I just received my first Steinhart, an OT500, and must say I'm thoroughly impressed by the build quality. Ive bee collecting Rolex for a while and wanted something that I'd be more comfortable to abuse and take diving. 

I have a feeling the Steinhart will be soaking up lots of wrist time.


----------



## sefrcoko

JSal said:


> Factoring in Aesthetics, Style, Craftsmanship, Dependability, and Warranty, versus Cost, I'd have to say that Steinhart Watches are the very BEST in the industry.
> 
> I make the statement above from experience as I personally own over 30 different Steinhart models. I have been hard pressed to find another company who gives you so much for so little.


Ok JSal here goes . Based on your post above here are a few brands I was thinking of... I am sure these will be torn apart here but hey that's half the fun! I know subsequent posts referenced "apples to apples" which is fine, but the original post was looking at all those factors like finish, movement, etc. "versus cost". So I am not limiting myself to watches at $800, or strictly to divers either. Simply looking at what you get for the money. If another watch costs more but comes with a nicer movement, it's in the running.

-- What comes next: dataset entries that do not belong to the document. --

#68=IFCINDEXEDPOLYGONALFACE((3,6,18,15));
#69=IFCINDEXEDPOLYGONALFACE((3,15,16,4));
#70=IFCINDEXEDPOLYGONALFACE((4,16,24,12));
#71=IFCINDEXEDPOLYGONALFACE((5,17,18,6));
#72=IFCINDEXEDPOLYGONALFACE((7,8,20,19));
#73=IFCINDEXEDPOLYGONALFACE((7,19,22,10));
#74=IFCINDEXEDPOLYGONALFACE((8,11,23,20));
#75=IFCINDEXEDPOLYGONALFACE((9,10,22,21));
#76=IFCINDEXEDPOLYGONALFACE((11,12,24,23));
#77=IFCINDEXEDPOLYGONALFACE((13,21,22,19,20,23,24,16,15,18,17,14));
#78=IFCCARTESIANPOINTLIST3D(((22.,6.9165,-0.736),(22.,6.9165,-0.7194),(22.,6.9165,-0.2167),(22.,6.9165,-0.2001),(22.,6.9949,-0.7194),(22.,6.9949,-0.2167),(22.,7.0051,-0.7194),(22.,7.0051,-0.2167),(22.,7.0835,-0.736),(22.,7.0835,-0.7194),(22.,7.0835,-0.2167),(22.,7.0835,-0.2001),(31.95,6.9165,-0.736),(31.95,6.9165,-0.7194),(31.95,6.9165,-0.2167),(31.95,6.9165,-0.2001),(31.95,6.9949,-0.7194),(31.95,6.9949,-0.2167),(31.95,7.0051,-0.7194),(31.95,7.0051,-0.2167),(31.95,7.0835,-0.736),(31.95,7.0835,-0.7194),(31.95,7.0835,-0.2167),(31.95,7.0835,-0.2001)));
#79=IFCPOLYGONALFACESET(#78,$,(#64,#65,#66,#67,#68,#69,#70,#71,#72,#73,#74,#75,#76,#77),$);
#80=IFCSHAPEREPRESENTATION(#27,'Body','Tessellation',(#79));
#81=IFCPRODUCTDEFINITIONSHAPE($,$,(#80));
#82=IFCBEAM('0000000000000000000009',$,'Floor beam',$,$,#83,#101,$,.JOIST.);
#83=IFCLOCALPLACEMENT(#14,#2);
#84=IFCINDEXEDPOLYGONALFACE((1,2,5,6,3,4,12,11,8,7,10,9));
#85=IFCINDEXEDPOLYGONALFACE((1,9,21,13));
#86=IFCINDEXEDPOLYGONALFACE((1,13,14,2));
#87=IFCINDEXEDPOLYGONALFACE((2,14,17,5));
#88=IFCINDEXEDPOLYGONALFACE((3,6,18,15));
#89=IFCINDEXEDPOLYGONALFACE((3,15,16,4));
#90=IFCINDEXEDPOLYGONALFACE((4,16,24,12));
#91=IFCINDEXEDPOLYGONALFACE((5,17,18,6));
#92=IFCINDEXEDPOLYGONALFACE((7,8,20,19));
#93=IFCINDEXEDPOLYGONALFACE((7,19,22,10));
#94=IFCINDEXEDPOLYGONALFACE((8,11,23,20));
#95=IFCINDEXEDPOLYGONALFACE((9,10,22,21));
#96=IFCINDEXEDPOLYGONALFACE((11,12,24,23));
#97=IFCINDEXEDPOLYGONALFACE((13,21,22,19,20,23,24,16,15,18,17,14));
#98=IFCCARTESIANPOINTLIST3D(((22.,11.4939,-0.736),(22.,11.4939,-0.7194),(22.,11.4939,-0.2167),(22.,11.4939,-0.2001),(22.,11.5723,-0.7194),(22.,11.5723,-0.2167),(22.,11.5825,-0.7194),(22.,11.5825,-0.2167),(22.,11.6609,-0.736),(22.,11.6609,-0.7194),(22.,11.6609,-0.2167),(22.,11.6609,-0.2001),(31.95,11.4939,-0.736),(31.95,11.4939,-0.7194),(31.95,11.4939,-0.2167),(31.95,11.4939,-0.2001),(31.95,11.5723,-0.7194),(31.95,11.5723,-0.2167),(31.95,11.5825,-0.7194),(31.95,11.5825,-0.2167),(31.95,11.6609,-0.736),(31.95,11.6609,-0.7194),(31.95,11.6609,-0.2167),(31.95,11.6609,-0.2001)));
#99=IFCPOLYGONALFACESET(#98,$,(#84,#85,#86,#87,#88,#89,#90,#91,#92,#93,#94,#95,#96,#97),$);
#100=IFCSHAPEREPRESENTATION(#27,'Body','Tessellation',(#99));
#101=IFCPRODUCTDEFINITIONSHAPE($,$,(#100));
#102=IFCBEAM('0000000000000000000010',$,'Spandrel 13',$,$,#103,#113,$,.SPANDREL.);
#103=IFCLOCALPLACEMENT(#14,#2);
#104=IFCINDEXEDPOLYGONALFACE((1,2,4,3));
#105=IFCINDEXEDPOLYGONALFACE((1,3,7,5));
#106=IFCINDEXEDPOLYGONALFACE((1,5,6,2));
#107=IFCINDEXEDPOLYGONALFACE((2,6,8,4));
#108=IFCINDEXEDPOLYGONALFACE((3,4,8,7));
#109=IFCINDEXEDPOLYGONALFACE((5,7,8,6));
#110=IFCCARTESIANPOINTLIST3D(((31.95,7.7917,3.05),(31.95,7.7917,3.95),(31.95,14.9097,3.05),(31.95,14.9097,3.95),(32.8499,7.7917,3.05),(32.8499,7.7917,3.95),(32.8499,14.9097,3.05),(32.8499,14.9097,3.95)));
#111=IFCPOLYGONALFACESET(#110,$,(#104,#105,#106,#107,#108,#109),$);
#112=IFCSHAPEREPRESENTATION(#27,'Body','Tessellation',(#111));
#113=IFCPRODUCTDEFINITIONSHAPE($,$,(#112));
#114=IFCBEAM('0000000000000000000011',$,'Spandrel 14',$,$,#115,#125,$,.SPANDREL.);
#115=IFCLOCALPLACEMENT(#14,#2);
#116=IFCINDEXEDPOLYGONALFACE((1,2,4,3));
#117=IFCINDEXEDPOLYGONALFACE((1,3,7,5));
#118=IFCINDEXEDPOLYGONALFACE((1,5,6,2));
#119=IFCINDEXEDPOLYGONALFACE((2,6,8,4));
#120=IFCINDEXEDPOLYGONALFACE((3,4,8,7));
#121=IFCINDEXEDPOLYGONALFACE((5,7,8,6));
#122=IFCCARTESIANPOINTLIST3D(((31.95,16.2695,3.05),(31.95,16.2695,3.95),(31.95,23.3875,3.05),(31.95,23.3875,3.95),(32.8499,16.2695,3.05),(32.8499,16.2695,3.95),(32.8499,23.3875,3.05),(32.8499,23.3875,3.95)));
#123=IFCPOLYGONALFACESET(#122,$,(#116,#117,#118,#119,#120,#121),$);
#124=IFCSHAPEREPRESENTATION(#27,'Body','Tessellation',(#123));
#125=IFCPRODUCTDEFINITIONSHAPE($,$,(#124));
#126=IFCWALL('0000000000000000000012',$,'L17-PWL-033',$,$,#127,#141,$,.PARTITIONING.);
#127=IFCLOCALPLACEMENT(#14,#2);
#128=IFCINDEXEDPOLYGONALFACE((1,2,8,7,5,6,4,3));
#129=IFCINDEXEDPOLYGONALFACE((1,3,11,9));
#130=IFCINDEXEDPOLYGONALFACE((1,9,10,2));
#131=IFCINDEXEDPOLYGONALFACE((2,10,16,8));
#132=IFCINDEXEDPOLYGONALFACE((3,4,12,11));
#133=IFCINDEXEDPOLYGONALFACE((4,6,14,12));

Ok so methodology covered, on to the brands. Marathon divers are built like rocks and come with tritium, something which sets it apart and provides added value for the added cost. Solid design, movement and finish too. Mine happens to be the quartz model but I have owned the auto gsar and medium-sized versions too.








Going in another direction, Frederique Constant Classic Index is a gorgeous piece with great internals and a beautiful finish, and can be had for about the same price as a typical Steinhart.

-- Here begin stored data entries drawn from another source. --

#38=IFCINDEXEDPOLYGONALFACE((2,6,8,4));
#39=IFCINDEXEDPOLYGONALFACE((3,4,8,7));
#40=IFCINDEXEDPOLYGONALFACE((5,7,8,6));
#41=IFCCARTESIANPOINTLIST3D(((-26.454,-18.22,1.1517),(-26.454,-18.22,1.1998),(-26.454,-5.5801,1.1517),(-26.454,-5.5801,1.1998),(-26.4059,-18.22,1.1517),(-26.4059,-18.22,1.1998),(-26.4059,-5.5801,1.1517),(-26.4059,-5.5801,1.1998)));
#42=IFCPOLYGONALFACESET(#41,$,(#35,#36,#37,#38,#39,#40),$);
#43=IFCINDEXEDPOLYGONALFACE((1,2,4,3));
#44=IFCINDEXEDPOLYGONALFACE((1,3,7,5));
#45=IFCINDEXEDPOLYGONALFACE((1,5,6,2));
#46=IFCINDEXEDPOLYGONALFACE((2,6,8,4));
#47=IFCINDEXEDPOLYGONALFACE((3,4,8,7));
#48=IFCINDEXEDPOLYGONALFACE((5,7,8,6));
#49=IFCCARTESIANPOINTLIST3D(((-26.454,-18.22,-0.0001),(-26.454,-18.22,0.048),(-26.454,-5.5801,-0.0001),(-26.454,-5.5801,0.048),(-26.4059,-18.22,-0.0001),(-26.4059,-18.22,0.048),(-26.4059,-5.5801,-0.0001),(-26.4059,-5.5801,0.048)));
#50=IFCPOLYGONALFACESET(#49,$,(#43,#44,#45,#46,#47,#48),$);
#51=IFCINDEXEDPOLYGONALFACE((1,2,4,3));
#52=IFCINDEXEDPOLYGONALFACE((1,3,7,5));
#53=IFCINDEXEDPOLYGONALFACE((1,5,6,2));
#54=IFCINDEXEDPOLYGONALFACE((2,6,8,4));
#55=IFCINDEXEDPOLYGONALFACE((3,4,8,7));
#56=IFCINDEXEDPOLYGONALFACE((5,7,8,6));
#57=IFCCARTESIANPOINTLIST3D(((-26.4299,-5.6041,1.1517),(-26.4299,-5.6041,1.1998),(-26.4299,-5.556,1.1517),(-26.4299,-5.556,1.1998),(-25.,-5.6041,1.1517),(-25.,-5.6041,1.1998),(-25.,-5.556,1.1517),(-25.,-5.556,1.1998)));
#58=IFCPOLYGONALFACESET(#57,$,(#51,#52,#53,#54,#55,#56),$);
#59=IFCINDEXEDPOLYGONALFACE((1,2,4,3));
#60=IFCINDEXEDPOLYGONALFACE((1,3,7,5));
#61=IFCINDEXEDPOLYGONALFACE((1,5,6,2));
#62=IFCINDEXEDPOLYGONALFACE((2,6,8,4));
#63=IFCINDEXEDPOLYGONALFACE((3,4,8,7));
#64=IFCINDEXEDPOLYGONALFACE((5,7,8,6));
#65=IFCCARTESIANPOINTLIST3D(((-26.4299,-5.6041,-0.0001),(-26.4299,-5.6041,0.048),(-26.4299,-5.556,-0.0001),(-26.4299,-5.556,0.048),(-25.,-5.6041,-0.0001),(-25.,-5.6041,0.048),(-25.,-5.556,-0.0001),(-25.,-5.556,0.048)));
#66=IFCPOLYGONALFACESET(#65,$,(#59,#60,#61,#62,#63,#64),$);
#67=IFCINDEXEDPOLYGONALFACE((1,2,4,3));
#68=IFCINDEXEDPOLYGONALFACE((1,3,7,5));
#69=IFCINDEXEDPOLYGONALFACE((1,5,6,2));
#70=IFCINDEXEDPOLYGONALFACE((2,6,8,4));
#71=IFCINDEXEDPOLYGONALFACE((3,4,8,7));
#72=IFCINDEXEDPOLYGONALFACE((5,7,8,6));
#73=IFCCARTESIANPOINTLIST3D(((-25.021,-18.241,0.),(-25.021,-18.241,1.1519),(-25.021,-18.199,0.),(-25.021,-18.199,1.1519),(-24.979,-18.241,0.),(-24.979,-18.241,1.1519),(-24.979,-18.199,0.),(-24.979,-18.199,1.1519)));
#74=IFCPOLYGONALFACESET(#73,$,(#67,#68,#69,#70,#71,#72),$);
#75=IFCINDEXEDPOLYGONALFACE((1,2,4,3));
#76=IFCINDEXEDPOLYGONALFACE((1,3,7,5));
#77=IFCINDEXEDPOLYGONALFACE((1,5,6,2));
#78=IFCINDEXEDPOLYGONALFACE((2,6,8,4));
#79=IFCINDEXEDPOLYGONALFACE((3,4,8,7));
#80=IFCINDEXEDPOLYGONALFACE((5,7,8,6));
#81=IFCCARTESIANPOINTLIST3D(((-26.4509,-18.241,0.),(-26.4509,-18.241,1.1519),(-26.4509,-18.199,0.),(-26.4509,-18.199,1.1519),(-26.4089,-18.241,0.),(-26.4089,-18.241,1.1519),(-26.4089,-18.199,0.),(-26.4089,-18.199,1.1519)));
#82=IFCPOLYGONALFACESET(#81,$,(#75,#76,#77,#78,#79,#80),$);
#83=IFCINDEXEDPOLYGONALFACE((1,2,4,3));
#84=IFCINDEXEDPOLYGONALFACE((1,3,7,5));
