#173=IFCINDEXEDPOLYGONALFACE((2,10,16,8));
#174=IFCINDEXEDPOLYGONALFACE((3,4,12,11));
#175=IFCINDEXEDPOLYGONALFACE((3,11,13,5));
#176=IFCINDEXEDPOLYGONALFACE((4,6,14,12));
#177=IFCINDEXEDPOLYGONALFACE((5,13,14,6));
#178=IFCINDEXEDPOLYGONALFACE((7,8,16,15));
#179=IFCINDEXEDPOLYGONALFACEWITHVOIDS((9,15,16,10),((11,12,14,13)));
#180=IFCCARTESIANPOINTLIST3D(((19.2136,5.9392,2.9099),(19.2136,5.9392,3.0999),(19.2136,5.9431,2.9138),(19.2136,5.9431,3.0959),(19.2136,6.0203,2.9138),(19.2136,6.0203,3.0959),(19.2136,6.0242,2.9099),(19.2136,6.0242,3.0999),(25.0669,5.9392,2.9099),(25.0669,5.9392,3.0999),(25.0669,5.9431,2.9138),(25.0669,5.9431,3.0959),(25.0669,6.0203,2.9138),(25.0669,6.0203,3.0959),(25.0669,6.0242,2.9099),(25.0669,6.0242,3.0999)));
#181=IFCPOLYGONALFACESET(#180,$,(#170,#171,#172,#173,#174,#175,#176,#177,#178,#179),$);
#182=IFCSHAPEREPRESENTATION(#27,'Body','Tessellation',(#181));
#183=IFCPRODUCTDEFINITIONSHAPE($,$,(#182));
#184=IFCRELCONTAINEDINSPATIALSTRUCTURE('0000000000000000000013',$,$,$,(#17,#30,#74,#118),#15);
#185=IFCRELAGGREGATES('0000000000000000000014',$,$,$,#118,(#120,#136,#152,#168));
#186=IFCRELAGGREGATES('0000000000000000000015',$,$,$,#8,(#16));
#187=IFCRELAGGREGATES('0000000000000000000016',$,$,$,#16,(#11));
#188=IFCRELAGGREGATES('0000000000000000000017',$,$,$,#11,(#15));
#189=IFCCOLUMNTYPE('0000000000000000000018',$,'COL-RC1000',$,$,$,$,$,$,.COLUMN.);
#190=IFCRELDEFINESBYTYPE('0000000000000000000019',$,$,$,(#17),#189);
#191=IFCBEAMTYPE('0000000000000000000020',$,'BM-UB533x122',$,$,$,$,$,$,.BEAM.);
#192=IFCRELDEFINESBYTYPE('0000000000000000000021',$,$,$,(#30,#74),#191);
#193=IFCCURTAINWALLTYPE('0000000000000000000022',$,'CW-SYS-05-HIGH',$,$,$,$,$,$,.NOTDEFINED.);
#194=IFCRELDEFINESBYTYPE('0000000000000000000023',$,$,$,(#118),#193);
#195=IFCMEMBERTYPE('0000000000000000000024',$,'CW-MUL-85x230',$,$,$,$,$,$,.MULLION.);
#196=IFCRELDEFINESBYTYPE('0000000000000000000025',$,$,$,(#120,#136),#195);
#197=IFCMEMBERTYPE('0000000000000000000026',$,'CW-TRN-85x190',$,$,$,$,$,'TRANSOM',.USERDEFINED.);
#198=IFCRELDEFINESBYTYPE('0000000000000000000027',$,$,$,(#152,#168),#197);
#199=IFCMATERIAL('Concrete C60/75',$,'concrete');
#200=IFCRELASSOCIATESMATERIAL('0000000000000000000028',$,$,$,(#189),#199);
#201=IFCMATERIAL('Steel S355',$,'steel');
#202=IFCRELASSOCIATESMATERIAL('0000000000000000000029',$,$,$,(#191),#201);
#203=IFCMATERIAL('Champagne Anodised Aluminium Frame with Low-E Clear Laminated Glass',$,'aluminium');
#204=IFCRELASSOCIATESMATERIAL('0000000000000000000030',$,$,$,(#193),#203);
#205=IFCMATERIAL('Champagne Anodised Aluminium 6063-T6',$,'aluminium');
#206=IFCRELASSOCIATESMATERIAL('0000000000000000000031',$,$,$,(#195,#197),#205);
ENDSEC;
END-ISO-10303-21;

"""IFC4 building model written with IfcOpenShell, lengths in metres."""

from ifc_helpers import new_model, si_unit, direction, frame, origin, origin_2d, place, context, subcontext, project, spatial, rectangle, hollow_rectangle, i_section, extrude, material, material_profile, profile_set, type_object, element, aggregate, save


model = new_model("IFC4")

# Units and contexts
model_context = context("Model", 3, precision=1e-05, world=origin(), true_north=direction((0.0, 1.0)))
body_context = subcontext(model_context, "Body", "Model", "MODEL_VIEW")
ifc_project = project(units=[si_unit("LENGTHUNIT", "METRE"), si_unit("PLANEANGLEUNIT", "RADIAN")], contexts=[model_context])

Stowa Fliegers are a cut above and cost more than the average Steinhart, but not really that much more considering the heat-blued hands, finish, top movement, handwind options, etc. Again it may cost more but it also (arguably) gives you extra value for that extra dollar.








I am sure others have more experience with different brands and could offer different suggestions from my own (e.g. CW C60, especially with all their online sales, etc.). If we further refine your original statement to a specific max price/range then things might look different, but at the same time if we overly restrict the criteria then it risks becoming meaningless. Focusing instead on what the client gets "versus cost" opens up the door for an interesting discussion though, and is what spurred my original comment. Again, not saying these brands are necessarily better but simply that the final analysis is decidedly less clear to my eyes. Having said that...I currently have two new Steinharts en route to me right now. Can't wait


----------



## Vadym

Magrette is coming out with two new pieces with swiss made movement in it. Their quality and customer service is great. I do own one and i like it. Its a different style then Steinhart. I think its comparable.


----------



## JSal

sefrcoko said:


> Ok JSal here goes . Based on your post above here are a few brands I was thinking of... I am sure these will be torn apart here but hey that's half the fun! I know subsequent posts referenced "apples to apples" which is fine, but the original post was looking at all those factors like finish, movement, etc. "versus cost". So I am not limiting myself to watches at $800, or strictly to divers either. Simply looking at what you get for the money. If another watch costs more but comes with a nicer movement, it's in the running.
> 
> Ok so methodology covered, on to the brands. Marathon divers are built like rocks and come with tritium, something which sets it apart and provides added value for the added cost. Solid design, movement and finish too. Mine happens to be the quartz model but I have owned the auto gsar and medium-sized versions too.
> 
> 
> 
> 
> 
> 
> 
> 
> Going in another direction, Frederique Constant Classic Index is a gorgeous piece with great internals and a beautiful finish, and can be had for about the same price as a typical Steinhart.
> 
> 
> 
> 
> 
> 
> 
> 
> Stowa Fliegers are a cut above and cost more than the average Steinhart, but not really that much more considering the heat-blued hands, finish, top movement, handwind options, etc. Again it may cost more but it also (arguably) gives you extra value for that extra dollar.
> 
> 
> 
> 
> 
> 
> 
> 
> I am sure others have more experience with different brands and could offer different suggestions from my own (e.g. CW C60, especially with all their online sales, etc.). If we further refine your original statement to a specific max price/range then things might look different, but at the same time if we overly restrict the criteria then it risks becoming meaningless. Focusing instead on what the client gets "versus cost" opens up the door for an interesting discussion though, and is what spurred my original comment. Again, not saying these brands are necessarily better but simply that the final analysis is decidedly less clear to my eyes. Having said that...I currently have two new Steinharts en route to me right now. Can't wait


Let me start by Thanking you so much for your detailed reply.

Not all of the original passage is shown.